Open dhuang opened 4 years ago

dhuang commented 4 years ago

Snowflake has some capabilities when it comes to transforming during a load. From my very basic understanding of what the transformer does, it seems like much of its logic replaced with a transformation on load, which means we can also directly load data from the enriched files in S3.

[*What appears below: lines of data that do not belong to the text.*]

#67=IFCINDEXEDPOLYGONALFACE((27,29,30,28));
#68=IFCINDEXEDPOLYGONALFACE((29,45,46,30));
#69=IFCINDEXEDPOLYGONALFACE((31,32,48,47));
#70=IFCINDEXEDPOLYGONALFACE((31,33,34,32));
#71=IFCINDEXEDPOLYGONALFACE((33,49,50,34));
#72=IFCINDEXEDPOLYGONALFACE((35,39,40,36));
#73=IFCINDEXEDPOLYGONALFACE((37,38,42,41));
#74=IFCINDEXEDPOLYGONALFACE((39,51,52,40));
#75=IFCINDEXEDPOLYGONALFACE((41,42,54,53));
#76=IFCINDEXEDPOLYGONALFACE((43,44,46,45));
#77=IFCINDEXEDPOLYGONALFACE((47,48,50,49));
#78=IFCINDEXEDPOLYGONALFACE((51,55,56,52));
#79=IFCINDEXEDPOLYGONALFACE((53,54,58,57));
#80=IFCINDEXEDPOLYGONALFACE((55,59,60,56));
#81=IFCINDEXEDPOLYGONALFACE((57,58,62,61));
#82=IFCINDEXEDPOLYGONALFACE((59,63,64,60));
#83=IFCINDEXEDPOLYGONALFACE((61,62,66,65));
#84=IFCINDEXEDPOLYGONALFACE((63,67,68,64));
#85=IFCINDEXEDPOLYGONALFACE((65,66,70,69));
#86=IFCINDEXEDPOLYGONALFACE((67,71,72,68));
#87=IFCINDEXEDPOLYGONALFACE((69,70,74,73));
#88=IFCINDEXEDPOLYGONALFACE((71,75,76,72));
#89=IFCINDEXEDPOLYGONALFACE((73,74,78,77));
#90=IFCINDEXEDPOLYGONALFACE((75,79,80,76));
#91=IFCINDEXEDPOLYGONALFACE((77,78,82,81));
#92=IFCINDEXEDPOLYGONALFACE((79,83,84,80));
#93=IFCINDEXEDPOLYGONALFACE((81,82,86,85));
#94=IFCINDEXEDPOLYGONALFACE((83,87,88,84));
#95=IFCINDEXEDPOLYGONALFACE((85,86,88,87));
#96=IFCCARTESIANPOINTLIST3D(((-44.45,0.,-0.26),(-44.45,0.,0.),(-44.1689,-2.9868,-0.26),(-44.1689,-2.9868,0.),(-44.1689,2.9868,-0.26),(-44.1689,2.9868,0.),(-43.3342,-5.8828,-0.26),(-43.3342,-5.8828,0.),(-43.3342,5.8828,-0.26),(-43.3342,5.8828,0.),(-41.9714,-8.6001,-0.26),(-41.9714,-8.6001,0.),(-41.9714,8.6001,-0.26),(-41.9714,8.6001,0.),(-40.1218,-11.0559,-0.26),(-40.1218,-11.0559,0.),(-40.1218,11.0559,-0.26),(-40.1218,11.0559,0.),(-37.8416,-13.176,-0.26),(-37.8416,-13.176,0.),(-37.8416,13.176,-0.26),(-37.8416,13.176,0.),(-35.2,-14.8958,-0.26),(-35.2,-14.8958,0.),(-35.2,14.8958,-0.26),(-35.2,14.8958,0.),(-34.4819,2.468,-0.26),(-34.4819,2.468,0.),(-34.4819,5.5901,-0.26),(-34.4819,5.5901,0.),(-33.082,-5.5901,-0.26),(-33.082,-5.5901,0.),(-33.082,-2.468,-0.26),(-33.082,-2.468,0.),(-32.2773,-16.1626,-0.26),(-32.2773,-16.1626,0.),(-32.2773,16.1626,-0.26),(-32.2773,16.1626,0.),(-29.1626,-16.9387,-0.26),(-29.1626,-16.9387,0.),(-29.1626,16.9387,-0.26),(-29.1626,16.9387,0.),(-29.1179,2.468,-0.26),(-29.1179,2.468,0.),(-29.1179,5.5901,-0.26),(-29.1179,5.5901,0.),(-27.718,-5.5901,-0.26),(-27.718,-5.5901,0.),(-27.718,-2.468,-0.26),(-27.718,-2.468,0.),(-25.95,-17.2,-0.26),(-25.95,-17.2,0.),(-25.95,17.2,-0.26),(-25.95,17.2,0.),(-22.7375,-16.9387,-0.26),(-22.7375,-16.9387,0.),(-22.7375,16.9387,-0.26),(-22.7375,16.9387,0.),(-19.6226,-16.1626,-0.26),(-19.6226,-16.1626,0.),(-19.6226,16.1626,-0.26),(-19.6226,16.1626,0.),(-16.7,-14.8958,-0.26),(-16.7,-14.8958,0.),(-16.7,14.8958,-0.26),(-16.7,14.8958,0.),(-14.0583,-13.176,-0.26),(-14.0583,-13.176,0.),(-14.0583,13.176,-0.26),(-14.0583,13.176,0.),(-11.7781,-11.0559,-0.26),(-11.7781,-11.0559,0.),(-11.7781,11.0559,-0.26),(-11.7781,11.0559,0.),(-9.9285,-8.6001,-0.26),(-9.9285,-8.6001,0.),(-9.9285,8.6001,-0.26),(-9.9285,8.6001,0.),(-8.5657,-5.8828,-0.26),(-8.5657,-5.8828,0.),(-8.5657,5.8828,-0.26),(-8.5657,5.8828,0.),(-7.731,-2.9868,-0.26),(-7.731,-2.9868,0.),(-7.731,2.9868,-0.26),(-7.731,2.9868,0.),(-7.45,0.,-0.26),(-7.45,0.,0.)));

Example test file in the enriched file format:

my_app  {"schema":"iglu:com.snowplowanalytics.snowplow/unstruct_event/jsonschema/1-0-0","data":{"schema":"iglu:com.test/foo/jsonschema/1-0-0","data":{"hello":"world"}}}
my_app  {"schema":"iglu:com.snowplowanalytics.snowplow/unstruct_event/jsonschema/1-0-0","data":{"schema":"iglu:com.test/bar/jsonschema/1-0-0","data":{"example":123}}}

I was able to load this into Snowflake with each type of unstructured event in the right format.

CREATE TABLE my_table (
    app_id VARCHAR
    , unstruct_event_com_strava_foo OBJECT
    , unstruct_event_com_strava_bar OBJECT
);

COPY INTO my_table
FROM (
    SELECT 
        t.$1
        , IFF(PARSE_JSON(t.$2):data:schema = 'iglu:com.test/foo/jsonschema/1-0-0', PARSE_JSON(t.$2):data:data, NULL)
        , IFF(PARSE_JSON(t.$2):data:schema = 'iglu:com.test/bar/jsonschema/1-0-0', PARSE_JSON(t.$2):data:data, NULL) 
        FROM @stage/test.tsv t
)
FILE_FORMAT = (
    TYPE = 'CSV' 
    FIELD_DELIMITER = '\t'
);

Open questions

If this is indeed possible, there could potentially just be a single loader step without the transformer Spark job at all?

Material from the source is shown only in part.